SPAIN - The Congress Working Committee in Spain has agreed to introduce new conditions to soften the pension reform plan launched by the government at the beginning of this year, while the IMF has called on the country to adopt much stronger reforms to stabilise its economy.
The amendments introduced by the Congress Working Committee follow a request made by the Catalan centre right party (CiU).
According to the changes, the calculation for pension benefits will now take into account paid training done by all Spanish workers over a period of two years.
In the previous plan, introduced in January, only workers who had had training in the four years before the introduction of the pension reform were allowed to include them in their pensions calculations.

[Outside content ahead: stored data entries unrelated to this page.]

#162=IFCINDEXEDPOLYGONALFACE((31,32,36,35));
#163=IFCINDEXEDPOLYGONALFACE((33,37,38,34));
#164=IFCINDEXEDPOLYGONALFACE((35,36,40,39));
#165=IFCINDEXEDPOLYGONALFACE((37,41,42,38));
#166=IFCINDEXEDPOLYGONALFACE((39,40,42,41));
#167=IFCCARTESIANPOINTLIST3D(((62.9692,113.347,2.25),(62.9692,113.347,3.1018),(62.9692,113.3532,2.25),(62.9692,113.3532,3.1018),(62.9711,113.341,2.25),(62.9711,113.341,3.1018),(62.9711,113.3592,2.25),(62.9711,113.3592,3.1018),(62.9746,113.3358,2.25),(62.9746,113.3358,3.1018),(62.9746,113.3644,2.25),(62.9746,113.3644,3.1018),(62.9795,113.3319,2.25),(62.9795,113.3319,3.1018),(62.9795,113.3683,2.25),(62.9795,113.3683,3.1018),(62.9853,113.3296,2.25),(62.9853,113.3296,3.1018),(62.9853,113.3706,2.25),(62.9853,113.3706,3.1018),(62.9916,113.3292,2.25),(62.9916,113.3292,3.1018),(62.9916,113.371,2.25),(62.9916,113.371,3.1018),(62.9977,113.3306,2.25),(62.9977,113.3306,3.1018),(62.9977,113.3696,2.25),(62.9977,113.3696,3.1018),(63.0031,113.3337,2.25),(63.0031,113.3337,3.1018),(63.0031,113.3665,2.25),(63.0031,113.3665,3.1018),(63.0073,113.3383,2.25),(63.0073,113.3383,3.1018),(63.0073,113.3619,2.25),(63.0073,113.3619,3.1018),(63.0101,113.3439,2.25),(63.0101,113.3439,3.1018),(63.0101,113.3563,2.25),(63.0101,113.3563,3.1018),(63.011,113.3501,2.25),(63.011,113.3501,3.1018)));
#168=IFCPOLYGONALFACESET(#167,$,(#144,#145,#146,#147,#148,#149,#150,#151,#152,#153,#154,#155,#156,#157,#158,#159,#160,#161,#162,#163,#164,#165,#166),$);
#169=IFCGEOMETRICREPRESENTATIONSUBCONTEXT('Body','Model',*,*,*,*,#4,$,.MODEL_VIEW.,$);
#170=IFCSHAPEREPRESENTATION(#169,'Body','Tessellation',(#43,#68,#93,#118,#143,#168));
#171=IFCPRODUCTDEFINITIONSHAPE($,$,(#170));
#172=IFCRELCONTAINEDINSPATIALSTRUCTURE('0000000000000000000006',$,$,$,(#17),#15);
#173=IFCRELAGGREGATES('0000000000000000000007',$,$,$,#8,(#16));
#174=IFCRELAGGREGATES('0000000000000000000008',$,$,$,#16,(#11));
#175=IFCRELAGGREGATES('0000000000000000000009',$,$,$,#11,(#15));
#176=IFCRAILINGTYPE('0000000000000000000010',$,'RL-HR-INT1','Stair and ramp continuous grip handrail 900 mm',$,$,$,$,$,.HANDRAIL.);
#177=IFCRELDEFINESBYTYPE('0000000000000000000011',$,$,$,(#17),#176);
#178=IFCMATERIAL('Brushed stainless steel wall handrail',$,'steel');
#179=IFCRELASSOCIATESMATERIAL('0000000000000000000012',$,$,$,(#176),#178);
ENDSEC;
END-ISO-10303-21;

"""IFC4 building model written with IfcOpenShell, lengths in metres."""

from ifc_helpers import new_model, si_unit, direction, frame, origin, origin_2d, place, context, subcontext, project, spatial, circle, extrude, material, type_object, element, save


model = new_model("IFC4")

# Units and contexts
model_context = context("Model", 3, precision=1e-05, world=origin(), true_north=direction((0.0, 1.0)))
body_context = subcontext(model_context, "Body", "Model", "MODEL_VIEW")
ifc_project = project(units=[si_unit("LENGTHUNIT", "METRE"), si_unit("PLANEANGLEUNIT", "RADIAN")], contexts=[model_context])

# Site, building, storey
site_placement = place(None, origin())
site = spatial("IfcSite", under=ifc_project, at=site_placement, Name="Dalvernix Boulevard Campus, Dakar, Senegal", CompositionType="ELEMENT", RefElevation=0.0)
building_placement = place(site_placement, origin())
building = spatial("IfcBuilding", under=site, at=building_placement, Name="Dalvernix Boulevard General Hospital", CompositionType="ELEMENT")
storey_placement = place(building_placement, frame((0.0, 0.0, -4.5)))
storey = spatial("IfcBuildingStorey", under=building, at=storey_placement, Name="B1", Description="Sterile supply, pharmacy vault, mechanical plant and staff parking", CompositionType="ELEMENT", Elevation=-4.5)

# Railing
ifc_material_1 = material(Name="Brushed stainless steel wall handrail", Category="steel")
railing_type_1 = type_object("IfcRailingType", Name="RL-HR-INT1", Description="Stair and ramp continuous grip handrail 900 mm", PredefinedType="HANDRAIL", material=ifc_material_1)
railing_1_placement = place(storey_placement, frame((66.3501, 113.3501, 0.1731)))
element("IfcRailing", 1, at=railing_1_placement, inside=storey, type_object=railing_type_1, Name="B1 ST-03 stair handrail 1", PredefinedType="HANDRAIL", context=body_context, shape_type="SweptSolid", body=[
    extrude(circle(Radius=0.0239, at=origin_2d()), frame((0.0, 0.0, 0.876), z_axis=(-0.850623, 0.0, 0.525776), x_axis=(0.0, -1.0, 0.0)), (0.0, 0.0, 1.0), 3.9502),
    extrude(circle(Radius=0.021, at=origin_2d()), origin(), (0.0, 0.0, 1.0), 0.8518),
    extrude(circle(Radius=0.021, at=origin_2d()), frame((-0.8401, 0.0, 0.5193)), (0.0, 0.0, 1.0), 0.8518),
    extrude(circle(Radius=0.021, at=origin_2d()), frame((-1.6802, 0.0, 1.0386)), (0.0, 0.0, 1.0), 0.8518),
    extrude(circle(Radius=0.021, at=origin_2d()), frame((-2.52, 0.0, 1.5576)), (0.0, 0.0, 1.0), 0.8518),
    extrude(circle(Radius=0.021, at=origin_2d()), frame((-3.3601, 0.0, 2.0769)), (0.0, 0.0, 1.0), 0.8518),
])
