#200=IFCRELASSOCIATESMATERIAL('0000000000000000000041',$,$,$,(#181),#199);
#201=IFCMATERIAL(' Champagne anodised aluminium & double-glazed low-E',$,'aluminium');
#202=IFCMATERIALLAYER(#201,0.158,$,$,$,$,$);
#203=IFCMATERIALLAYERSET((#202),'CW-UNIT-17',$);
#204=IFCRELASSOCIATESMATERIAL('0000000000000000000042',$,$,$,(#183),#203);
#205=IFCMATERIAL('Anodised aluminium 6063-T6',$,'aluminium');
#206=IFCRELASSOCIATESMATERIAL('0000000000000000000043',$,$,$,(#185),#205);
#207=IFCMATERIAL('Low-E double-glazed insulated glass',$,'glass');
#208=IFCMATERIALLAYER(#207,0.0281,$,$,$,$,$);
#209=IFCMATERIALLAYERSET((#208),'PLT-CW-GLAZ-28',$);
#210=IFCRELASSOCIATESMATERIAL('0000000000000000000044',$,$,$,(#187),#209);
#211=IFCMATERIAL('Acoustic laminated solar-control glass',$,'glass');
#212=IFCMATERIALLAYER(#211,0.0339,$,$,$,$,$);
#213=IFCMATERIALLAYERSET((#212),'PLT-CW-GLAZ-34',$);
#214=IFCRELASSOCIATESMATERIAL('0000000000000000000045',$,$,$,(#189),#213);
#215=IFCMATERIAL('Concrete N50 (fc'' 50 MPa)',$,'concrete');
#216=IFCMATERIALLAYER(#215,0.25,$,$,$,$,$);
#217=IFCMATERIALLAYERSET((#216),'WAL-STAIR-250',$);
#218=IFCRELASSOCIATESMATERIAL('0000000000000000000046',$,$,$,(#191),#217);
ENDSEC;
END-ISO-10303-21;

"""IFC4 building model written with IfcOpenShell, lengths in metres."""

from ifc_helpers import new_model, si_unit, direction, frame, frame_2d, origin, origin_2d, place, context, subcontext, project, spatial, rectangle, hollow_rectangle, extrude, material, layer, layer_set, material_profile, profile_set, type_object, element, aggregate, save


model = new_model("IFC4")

The Congress Working Committee has also agreed to revise the legal retirement age for workers with disabilities. People with a total impairment of more than 45% will be allowed to take their retirement at 56, instead of the current 58.
However, the IMF has said that Spain must introduce deeper reforms, including in the labour and pension markets, to stabilise its economy.
According to the IMF, the several reforms launched by the country last year have helped the economy to find a better balance, but the international organisation stressed that those reforms were insufficient and that important risks remained.
In January, the Spanish government adopted a reform that aimed to push back the legal retirement age from 65 to 67 years.
This new legal retirement age will be implemented progressively from 2013.